The EPA was established in 1987 in response to grassroots environmental initiatives like the Anti-DuPont protests in Lukang and the opposition to the Fifth Naphtha Cracker Project in Houjing. Administrators during the first phase led the EPA in tackling various challenges, including public nuisances, war on garbage, illegal waste disposal, air and river pollution. This period saw the formation of the Bureau of Environmental Inspection, the Recycling Fund Management Board, and the Environmental Police Force, along with legislation and enactment of the Public Nuisance Dispute Mediation Act (公害糾紛處理法), the Environmental Impact Assessment Act (環境影響評估法), the Environmental Agent Control Act (環境用藥管理法), and the Soil and Groundwater Pollution Control Act (土壤及地下水污染整治法). Not only so, the establishment of the Air Pollution Control Fund and the Recycling Fund laid a solid foundation for the EPA.

The second phase, from 1990 to 2008, is marked with significant development with the establishment of the Soil and Groundwater Pollution Remediation Fund Management Board and the Carbon Reduction Management Office. The EPA also completed formulating the Marine Pollution Control Act (海洋污染防治法), the Resource Recycling Act (資源回收再利用法), and the Basic Environmental Law. As for the Environmental Impact Assessment (EIA) system, a legal dispute related to the EIA concerning Linne Incineration Plant resulted in a judicial recognition that EIA review conclusions were also administrative sanctions in their nature. This recognition has led to the subsequent increase in administrative remedies through litigation.

In the third phase, from 2008 to 2016, significant milestones were achieved with the enactment of the Environmental Education Act (環境教育法), the Indoor Air Quality Act (室內空氣品質管理法), and the Greenhouse Gas Reduction and Management Act (溫室氣體減量及管理法). In 2010, levying began for soil and groundwater pollution remediation fees, enabling the EPA to complete remediation for all farmland pollutions across Taiwan in 2022. Then the revision of the Water Pollution Control Act (水污染防治法) raised the maximum fine to NT$20 million for discharges that failed to meet standards, introduced clauses on confiscation of illegal gains and also protection for whistleblowers. In addition, this amendment led the way in increasing penalties for exceeding the limits regarding substances detrimental to health.

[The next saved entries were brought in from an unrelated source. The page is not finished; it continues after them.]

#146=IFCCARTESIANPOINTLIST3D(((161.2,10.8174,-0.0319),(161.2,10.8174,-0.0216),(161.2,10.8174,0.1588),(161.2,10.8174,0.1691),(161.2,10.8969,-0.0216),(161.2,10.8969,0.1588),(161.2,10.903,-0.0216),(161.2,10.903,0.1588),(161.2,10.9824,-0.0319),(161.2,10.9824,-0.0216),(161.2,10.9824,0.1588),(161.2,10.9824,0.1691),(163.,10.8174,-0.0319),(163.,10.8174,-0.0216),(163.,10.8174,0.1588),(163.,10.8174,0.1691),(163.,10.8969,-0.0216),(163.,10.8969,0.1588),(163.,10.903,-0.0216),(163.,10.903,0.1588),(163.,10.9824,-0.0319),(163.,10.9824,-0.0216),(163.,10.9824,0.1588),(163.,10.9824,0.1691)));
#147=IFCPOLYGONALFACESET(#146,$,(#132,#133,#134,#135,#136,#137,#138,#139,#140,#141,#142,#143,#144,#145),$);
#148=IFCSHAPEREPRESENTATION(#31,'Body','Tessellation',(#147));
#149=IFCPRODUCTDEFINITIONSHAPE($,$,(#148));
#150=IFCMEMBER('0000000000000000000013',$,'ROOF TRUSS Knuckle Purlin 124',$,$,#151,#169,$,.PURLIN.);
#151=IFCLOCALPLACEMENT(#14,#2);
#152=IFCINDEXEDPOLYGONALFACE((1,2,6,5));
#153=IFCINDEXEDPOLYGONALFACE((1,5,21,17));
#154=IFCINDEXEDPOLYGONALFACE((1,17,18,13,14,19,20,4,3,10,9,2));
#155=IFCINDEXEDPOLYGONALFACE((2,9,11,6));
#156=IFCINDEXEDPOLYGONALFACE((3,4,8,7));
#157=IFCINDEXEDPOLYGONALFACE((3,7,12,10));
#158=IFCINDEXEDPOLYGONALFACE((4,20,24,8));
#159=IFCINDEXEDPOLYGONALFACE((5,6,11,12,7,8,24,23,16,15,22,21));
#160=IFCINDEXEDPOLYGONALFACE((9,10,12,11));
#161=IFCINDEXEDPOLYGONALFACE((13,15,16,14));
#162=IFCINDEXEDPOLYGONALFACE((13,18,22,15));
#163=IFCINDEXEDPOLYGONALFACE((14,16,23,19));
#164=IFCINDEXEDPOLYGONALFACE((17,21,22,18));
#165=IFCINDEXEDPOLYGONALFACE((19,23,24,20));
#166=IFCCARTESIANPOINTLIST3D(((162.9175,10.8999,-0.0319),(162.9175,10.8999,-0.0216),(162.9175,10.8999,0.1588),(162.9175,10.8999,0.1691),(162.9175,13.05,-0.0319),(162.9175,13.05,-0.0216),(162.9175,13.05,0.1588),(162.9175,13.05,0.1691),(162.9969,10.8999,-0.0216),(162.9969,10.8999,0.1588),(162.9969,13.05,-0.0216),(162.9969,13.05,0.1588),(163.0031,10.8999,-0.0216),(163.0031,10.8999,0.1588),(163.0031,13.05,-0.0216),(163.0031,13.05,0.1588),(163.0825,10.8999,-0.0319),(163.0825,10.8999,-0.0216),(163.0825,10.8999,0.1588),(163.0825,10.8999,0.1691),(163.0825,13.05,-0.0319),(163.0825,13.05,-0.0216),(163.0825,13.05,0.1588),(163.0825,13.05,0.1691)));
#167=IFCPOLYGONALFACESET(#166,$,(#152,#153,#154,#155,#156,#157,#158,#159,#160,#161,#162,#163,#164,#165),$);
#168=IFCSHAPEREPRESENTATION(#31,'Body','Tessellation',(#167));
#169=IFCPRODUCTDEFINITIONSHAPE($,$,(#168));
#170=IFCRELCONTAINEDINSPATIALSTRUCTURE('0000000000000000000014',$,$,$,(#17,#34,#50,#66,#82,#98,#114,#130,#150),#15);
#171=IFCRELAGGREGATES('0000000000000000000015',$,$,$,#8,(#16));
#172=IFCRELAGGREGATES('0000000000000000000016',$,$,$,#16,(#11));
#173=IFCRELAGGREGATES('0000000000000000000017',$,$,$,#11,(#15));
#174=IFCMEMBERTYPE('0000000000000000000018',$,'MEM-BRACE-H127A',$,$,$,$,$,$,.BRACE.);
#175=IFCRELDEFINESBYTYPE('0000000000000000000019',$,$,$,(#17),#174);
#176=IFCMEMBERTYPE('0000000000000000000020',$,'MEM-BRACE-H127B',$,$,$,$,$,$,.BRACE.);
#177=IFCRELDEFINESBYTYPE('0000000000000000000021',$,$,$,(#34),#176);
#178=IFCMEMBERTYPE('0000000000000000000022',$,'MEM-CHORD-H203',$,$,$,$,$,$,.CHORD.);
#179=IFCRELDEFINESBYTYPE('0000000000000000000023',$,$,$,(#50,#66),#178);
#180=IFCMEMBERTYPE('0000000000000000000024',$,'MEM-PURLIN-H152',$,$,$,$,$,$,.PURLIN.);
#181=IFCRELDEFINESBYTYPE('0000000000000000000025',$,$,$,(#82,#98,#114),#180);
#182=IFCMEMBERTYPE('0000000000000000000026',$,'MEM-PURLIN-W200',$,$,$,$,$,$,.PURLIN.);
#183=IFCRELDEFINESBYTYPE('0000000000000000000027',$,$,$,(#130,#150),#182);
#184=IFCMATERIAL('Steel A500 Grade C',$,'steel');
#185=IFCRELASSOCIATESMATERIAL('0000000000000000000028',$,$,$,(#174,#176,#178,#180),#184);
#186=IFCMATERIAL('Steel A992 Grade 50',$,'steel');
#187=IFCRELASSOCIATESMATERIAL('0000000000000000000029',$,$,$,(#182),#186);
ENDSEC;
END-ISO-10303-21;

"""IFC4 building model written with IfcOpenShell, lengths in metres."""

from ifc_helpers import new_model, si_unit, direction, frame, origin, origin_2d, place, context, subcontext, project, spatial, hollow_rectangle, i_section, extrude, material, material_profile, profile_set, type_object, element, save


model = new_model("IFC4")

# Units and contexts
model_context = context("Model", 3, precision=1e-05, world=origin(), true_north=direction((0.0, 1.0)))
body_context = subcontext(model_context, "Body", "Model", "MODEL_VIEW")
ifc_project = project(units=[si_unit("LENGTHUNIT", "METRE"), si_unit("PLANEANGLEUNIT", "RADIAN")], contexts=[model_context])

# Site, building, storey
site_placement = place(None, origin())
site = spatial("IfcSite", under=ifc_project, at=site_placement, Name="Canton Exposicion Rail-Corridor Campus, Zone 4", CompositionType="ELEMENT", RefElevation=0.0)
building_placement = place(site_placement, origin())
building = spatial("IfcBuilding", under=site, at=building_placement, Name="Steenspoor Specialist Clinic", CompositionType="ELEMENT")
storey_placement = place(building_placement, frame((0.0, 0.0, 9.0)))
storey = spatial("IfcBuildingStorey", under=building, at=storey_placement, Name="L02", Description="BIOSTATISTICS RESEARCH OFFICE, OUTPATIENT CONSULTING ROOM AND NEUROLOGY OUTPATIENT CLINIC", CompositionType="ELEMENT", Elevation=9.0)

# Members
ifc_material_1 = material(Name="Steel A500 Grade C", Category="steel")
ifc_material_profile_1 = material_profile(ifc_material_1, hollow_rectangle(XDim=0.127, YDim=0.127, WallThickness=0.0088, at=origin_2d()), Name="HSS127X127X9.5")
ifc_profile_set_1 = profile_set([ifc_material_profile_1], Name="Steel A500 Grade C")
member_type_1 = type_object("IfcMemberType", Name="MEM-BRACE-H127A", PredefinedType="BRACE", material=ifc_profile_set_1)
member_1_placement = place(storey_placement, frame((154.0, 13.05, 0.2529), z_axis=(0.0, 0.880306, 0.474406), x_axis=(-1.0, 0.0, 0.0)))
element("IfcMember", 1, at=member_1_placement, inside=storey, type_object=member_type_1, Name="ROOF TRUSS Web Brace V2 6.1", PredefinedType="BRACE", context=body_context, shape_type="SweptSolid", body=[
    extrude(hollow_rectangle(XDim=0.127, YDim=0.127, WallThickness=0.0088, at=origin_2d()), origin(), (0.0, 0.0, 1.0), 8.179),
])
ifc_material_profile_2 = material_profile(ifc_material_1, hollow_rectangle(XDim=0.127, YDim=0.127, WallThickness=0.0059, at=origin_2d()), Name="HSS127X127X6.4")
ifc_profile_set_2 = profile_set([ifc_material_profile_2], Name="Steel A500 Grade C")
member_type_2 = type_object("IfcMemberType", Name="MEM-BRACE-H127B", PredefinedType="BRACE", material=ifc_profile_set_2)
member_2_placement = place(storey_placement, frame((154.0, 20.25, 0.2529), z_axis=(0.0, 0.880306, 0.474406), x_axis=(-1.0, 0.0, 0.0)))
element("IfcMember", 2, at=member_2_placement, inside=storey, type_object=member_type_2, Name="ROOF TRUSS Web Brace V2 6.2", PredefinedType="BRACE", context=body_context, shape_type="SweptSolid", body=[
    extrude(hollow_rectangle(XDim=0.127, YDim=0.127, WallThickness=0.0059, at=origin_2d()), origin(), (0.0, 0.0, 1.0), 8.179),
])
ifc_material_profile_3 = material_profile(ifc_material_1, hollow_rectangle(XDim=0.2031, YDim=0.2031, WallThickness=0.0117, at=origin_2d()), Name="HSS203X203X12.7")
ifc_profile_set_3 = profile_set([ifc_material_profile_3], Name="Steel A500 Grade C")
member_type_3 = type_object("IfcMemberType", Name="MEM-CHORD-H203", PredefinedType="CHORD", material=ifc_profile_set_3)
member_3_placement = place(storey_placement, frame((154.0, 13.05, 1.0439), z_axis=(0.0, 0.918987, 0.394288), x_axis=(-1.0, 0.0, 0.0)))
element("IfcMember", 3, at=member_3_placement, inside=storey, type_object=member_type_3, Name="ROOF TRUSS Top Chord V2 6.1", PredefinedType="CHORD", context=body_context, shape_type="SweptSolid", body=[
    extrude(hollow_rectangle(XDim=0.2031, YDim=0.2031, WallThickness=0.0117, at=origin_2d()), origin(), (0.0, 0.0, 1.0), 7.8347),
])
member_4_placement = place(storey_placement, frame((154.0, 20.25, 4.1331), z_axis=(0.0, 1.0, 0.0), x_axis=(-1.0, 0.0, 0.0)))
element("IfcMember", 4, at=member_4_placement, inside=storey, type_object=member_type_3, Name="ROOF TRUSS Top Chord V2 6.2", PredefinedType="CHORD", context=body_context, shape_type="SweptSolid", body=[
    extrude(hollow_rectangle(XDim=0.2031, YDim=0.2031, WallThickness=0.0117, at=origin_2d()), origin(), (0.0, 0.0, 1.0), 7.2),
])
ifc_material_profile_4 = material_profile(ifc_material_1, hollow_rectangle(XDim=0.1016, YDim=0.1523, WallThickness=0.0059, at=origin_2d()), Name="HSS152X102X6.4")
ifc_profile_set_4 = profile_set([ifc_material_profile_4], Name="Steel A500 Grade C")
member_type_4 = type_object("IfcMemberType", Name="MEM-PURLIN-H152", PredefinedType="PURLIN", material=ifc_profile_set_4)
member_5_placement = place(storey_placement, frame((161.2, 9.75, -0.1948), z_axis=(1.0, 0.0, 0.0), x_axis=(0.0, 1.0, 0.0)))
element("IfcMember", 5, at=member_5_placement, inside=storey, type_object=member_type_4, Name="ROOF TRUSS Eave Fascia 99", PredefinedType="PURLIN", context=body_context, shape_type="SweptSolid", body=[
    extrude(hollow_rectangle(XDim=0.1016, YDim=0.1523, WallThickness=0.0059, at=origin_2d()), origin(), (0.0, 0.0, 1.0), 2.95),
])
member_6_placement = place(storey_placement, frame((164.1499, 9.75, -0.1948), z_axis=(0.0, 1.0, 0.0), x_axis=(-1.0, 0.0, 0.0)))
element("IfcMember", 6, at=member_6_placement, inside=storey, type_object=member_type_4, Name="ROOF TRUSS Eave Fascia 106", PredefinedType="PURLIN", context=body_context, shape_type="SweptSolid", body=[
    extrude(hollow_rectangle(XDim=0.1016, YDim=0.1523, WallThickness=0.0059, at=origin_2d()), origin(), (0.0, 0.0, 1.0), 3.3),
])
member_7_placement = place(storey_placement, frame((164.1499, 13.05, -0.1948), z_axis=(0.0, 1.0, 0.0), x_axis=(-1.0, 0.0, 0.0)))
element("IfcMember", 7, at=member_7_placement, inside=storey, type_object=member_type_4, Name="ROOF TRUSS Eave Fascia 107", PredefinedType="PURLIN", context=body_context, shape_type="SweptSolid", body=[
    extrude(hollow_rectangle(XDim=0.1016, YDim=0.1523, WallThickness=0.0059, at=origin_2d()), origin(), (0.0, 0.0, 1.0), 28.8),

From 2016 to the present, several significant developments having taken place including the establishment of the Toxic and Chemical Substances Bureau, the Climate Change Office, the Resource Cycling Office, and an preparatory office for establishment of the CCA under the MOENV. The formation of a clear and efficient EIA review system has yielded positive results, particularly in the offshore wind power sector and investments from Taiwanese businesses returning from abroad. Not only have there been record-breaking improvements in air quality, but there have also been notable achievements in promoting reduction of plastic usage at six major sources and facilitating better recycling. Even now, the MOENV continues its endeavors with the ongoing revisions of the Resource Recycling Promotion Act (資源循環促進法), aiming to maximize resource cycling and minimize waste disposal, as well as the transition toward net-zero emissions by 2050.